Of course, as the Left’s electoral footprint shrank, so did the national political importance of CPM leaders, including Yechury. The high point was between 2004 and 2008 — from the time UPA-1 was formed till when CPM withdrew support to Manmohan Singh’s govt over the Indo-US nuclear deal.
It’s rare for Indian politicians, including communists, to introspect publicly. But Yechury proved an exception when, after UPA-2 took office, he admitted that his party hadn’t been able to explain its stand on the nuclear deal to voters, who gave a Congressled coalition a healthy victory. He was perhaps the only politburo member to do so.
Losing Bengal to TMC dealt a blow to CPM and its leaders they haven't recovered from. Yechury, along with other CPM leaders, rarely made national headlines.

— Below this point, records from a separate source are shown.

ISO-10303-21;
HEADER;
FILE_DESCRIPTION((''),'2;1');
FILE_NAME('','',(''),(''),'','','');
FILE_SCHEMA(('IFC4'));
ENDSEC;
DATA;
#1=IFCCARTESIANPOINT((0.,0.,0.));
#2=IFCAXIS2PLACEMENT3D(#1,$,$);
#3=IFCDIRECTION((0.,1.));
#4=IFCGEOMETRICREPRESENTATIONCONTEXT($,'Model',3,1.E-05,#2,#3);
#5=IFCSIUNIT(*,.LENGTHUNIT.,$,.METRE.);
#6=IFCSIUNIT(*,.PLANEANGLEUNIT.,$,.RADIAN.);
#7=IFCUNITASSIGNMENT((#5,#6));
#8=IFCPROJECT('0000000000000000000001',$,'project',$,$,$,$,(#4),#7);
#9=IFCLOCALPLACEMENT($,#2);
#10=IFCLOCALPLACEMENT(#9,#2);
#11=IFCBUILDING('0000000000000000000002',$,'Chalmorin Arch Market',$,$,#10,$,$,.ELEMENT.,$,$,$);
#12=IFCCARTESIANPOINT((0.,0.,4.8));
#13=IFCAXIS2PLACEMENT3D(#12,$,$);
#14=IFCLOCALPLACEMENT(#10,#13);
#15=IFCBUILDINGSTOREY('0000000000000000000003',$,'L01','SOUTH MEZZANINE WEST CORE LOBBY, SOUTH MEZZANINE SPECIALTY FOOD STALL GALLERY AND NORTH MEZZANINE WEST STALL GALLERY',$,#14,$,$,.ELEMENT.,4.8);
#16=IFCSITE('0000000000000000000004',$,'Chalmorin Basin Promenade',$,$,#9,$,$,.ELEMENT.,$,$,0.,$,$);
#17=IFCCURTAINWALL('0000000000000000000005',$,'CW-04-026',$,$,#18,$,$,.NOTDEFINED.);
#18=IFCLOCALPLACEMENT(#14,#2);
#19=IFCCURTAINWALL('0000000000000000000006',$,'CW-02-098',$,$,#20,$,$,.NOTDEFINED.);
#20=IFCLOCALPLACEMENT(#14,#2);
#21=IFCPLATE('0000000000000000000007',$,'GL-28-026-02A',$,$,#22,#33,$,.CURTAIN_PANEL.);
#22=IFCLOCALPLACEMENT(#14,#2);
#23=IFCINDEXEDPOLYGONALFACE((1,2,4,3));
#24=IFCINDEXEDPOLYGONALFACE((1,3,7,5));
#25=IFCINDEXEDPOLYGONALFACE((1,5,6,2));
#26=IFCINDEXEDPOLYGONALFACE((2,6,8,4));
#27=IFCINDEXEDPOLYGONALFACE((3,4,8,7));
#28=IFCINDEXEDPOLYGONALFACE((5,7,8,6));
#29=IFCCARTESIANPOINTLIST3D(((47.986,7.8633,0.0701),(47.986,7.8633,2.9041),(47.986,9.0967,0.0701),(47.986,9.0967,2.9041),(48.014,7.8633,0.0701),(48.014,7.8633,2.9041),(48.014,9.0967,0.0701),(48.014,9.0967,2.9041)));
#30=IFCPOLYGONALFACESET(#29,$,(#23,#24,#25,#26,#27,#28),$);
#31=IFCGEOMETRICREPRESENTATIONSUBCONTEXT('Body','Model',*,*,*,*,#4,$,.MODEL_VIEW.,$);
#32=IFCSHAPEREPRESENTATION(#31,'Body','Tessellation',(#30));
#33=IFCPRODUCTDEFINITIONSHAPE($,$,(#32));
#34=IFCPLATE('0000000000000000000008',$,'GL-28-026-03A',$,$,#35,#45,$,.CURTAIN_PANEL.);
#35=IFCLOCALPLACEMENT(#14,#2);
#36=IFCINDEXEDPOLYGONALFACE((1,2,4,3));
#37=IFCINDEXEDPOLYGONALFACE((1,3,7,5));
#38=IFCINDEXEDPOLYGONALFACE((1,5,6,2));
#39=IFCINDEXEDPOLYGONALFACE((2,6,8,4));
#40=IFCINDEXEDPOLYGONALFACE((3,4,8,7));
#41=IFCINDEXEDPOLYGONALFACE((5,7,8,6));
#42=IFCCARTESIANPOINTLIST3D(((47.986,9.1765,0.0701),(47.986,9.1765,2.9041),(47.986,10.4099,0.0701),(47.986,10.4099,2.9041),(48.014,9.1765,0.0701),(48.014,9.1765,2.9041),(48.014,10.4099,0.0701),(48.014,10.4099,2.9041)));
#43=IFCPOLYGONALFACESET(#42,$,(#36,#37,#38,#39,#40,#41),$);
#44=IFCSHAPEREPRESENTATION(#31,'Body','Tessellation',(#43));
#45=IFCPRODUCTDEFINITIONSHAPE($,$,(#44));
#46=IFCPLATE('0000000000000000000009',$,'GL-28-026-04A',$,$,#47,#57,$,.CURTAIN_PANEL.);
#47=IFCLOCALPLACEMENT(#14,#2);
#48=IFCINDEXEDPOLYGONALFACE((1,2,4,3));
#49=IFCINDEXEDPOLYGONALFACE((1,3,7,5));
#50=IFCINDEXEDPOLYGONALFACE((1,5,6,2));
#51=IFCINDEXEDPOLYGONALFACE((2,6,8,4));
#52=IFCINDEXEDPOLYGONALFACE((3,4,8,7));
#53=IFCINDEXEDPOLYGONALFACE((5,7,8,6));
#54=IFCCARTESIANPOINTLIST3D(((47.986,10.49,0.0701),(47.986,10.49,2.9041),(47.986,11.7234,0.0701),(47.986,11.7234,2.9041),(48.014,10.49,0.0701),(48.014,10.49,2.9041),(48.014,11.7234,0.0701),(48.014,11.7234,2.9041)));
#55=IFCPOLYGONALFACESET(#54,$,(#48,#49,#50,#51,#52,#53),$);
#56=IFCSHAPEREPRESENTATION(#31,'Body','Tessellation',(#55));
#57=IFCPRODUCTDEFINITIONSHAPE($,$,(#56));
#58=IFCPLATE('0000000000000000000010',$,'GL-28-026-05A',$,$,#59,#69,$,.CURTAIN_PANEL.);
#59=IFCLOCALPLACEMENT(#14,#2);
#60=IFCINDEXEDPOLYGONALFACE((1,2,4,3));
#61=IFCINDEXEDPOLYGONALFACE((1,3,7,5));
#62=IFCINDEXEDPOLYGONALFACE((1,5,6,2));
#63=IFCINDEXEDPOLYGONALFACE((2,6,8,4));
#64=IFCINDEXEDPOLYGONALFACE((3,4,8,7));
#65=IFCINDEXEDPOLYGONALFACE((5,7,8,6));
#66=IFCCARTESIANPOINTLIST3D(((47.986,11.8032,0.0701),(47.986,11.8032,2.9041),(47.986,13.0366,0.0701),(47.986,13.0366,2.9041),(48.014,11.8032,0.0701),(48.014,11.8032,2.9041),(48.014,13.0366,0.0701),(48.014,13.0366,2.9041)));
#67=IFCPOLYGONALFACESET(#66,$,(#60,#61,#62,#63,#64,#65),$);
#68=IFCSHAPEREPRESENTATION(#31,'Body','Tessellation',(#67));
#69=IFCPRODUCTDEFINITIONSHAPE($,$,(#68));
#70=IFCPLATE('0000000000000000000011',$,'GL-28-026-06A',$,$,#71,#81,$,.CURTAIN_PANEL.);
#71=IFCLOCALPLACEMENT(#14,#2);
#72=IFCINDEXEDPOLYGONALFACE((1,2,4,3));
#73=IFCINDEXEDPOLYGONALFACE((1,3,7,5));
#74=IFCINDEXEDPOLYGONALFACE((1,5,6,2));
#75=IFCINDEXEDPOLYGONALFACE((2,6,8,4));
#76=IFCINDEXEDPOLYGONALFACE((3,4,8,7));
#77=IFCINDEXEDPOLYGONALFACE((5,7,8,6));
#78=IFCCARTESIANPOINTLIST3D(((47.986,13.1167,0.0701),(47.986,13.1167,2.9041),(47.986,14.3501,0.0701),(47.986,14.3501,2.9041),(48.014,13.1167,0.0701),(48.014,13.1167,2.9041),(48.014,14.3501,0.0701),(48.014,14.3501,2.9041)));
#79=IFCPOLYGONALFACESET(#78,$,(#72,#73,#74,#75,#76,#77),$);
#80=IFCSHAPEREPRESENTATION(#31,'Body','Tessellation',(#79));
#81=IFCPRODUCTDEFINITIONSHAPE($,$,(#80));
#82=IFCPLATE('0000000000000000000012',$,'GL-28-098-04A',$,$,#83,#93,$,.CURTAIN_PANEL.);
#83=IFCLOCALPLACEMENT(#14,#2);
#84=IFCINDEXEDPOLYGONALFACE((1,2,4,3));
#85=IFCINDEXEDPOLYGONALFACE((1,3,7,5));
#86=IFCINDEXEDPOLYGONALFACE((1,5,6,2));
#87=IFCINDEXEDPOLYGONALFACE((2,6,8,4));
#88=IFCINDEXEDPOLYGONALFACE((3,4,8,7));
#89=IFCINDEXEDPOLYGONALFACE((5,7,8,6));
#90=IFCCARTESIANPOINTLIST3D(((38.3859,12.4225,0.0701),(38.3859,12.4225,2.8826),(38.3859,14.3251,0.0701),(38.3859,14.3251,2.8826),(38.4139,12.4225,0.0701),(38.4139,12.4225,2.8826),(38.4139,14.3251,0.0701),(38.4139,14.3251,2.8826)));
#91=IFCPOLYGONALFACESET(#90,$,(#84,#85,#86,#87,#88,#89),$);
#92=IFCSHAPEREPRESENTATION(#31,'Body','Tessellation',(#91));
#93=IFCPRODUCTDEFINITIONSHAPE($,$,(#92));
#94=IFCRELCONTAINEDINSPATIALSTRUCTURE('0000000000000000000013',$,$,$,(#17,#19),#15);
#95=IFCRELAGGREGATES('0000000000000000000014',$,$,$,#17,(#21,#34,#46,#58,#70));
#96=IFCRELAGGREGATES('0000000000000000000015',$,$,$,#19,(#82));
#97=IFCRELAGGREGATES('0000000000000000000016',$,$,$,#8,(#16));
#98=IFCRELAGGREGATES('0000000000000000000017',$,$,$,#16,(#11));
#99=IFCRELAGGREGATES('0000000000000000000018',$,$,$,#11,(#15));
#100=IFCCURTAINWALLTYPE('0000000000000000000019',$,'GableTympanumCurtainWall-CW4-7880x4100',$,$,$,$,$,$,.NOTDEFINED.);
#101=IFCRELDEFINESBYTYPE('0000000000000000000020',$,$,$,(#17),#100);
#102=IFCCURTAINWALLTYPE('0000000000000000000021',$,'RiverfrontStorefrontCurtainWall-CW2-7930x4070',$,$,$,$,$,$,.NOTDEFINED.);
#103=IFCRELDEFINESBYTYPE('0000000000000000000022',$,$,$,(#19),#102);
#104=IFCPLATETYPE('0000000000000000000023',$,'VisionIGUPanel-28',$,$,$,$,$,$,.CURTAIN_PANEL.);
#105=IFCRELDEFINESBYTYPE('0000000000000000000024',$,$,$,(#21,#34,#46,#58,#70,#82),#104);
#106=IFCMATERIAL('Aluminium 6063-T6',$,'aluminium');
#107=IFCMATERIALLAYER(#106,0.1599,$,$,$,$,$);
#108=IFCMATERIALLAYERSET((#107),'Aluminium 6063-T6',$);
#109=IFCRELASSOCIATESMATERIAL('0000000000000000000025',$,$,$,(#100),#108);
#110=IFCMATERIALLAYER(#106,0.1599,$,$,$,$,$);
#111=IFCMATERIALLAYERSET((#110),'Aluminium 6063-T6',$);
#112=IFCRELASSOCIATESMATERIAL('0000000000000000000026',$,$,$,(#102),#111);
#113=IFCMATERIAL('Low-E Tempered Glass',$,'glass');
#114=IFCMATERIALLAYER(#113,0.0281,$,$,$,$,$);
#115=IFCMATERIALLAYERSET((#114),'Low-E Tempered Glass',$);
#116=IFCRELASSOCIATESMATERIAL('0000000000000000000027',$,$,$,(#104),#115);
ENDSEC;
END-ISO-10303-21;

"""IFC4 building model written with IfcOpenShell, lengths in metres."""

from ifc_helpers import new_model, si_unit, direction, frame, origin, origin_2d, place, context, subcontext, project, spatial, rectangle, extrude, material, layer, layer_set, type_object, element, aggregate, save


model = new_model("IFC4")

# Units and contexts
model_context = context("Model", 3, precision=1e-05, world=origin(), true_north=direction((0.0, 1.0)))
body_context = subcontext(model_context, "Body", "Model", "MODEL_VIEW")
ifc_project = project(units=[si_unit("LENGTHUNIT", "METRE"), si_unit("PLANEANGLEUNIT", "RADIAN")], contexts=[model_context])

# Site, building, storey
site_placement = place(None, origin())
site = spatial("IfcSite", under=ifc_project, at=site_placement, Name="Chalmorin Basin Promenade", CompositionType="ELEMENT", RefElevation=0.0)
building_placement = place(site_placement, origin())
building = spatial("IfcBuilding", under=site, at=building_placement, Name="Chalmorin Arch Market", CompositionType="ELEMENT")
storey_placement = place(building_placement, frame((0.0, 0.0, 4.8)))
storey = spatial("IfcBuildingStorey", under=building, at=storey_placement, Name="L01", Description="SOUTH MEZZANINE WEST CORE LOBBY, SOUTH MEZZANINE SPECIALTY FOOD STALL GALLERY AND NORTH MEZZANINE WEST STALL GALLERY", CompositionType="ELEMENT", Elevation=4.8)

# Curtain walls
ifc_material_1 = material(Name="Aluminium 6063-T6", Category="aluminium")
ifc_layer_1 = layer(ifc_material_1, 0.1599)
ifc_layer_set_1 = layer_set([ifc_layer_1], Name="Aluminium 6063-T6")
curtain_wall_type_1 = type_object("IfcCurtainWallType", Name="GableTympanumCurtainWall-CW4-7880x4100", PredefinedType="NOTDEFINED", material=ifc_layer_set_1)
curtain_wall_1_placement = place(storey_placement, origin())
curtain_wall_1 = element("IfcCurtainWall", 1, at=curtain_wall_1_placement, inside=storey, type_object=curtain_wall_type_1, Name="CW-04-026", PredefinedType="NOTDEFINED")
ifc_layer_2 = layer(ifc_material_1, 0.1599)
ifc_layer_set_2 = layer_set([ifc_layer_2], Name="Aluminium 6063-T6")
curtain_wall_type_2 = type_object("IfcCurtainWallType", Name="RiverfrontStorefrontCurtainWall-CW2-7930x4070", PredefinedType="NOTDEFINED", material=ifc_layer_set_2)
curtain_wall_2_placement = place(storey_placement, origin())
curtain_wall_2 = element("IfcCurtainWall", 2, at=curtain_wall_2_placement, inside=storey, type_object=curtain_wall_type_2, Name="CW-02-098", PredefinedType="NOTDEFINED")

# Plates
ifc_material_2 = material(Name="Low-E Tempered Glass", Category="glass")
ifc_layer_3 = layer(ifc_material_2, 0.0281)
ifc_layer_set_3 = layer_set([ifc_layer_3], Name="Low-E Tempered Glass")
plate_type_1 = type_object("IfcPlateType", Name="VisionIGUPanel-28", PredefinedType="CURTAIN_PANEL", material=ifc_layer_set_3)
plate_1_placement = place(storey_placement, frame((48.0, 8.48, 0.0701), z_axis=(0.0, 0.0, 1.0), x_axis=(0.0, 1.0, 0.0)))
plate_1 = element("IfcPlate", 3, at=plate_1_placement, type_object=plate_type_1, Name="GL-28-026-02A", PredefinedType="CURTAIN_PANEL", context=body_context, shape_type="SweptSolid", body=[
    extrude(rectangle(XDim=1.2334, YDim=0.0281, at=origin_2d()), origin(), (0.0, 0.0, 1.0), 2.834),
])
plate_2_placement = place(storey_placement, frame((48.0, 9.7932, 0.0701), z_axis=(0.0, 0.0, 1.0), x_axis=(0.0, 1.0, 0.0)))
plate_2 = element("IfcPlate", 4, at=plate_2_placement, type_object=plate_type_1, Name="GL-28-026-03A", PredefinedType="CURTAIN_PANEL", context=body_context, shape_type="SweptSolid", body=[
    extrude(rectangle(XDim=1.2334, YDim=0.0281, at=origin_2d()), origin(), (0.0, 0.0, 1.0), 2.834),
])
plate_3_placement = place(storey_placement, frame((48.0, 11.1067, 0.0701), z_axis=(0.0, 0.0, 1.0), x_axis=(0.0, 1.0, 0.0)))
plate_3 = element("IfcPlate", 5, at=plate_3_placement, type_object=plate_type_1, Name="GL-28-026-04A", PredefinedType="CURTAIN_PANEL", context=body_context, shape_type="SweptSolid", body=[
    extrude(rectangle(XDim=1.2334, YDim=0.0281, at=origin_2d()), origin(), (0.0, 0.0, 1.0), 2.834),
])
plate_4_placement = place(storey_placement, frame((48.0, 12.4199, 0.0701), z_axis=(0.0, 0.0, 1.0), x_axis=(0.0, 1.0, 0.0)))
plate_4 = element("IfcPlate", 6, at=plate_4_placement, type_object=plate_type_1, Name="GL-28-026-05A", PredefinedType="CURTAIN_PANEL", context=body_context, shape_type="SweptSolid", body=[
    extrude(rectangle(XDim=1.2334, YDim=0.0281, at=origin_2d()), origin(), (0.0, 0.0, 1.0), 2.834),
])
plate_5_placement = place(storey_placement, frame((48.0, 13.7334, 0.0701), z_axis=(0.0, 0.0, 1.0), x_axis=(0.0, 1.0, 0.0)))
plate_5 = element("IfcPlate", 7, at=plate_5_placement, type_object=plate_type_1, Name="GL-28-026-06A", PredefinedType="CURTAIN_PANEL", context=body_context, shape_type="SweptSolid", body=[
    extrude(rectangle(XDim=1.2334, YDim=0.0281, at=origin_2d()), origin(), (0.0, 0.0, 1.0), 2.834),
])
aggregate(curtain_wall_1, [plate_1, plate_2, plate_3, plate_4, plate_5])
plate_6_placement = place(storey_placement, frame((38.3999, 13.3738, 0.0701), z_axis=(0.0, 0.0, 1.0), x_axis=(0.0, 1.0, 0.0)))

But his international communist connections did make him very relevant when in 2009, UPA govt took his help to contact Nepal's Maoist leader Prachanda, who later became PM.
Yechury’s last public message came the day he was shifted from the ICU to a general bed at AIIMS, Delhi. The recorded message was his tribute to another communist stalwart, former chief minister of Bengal, Buddhadeb Bhattacharya, who passed away recently.
Yechury was dealing with a deeply personal tragedy when he fell ill. He lost his son Ashish to Covid in 2021. He was never quite the same after that, those close to him said. The father in him was bereft. But it speaks to his abilities as a politician that the pragmatic communist in him soldiered on.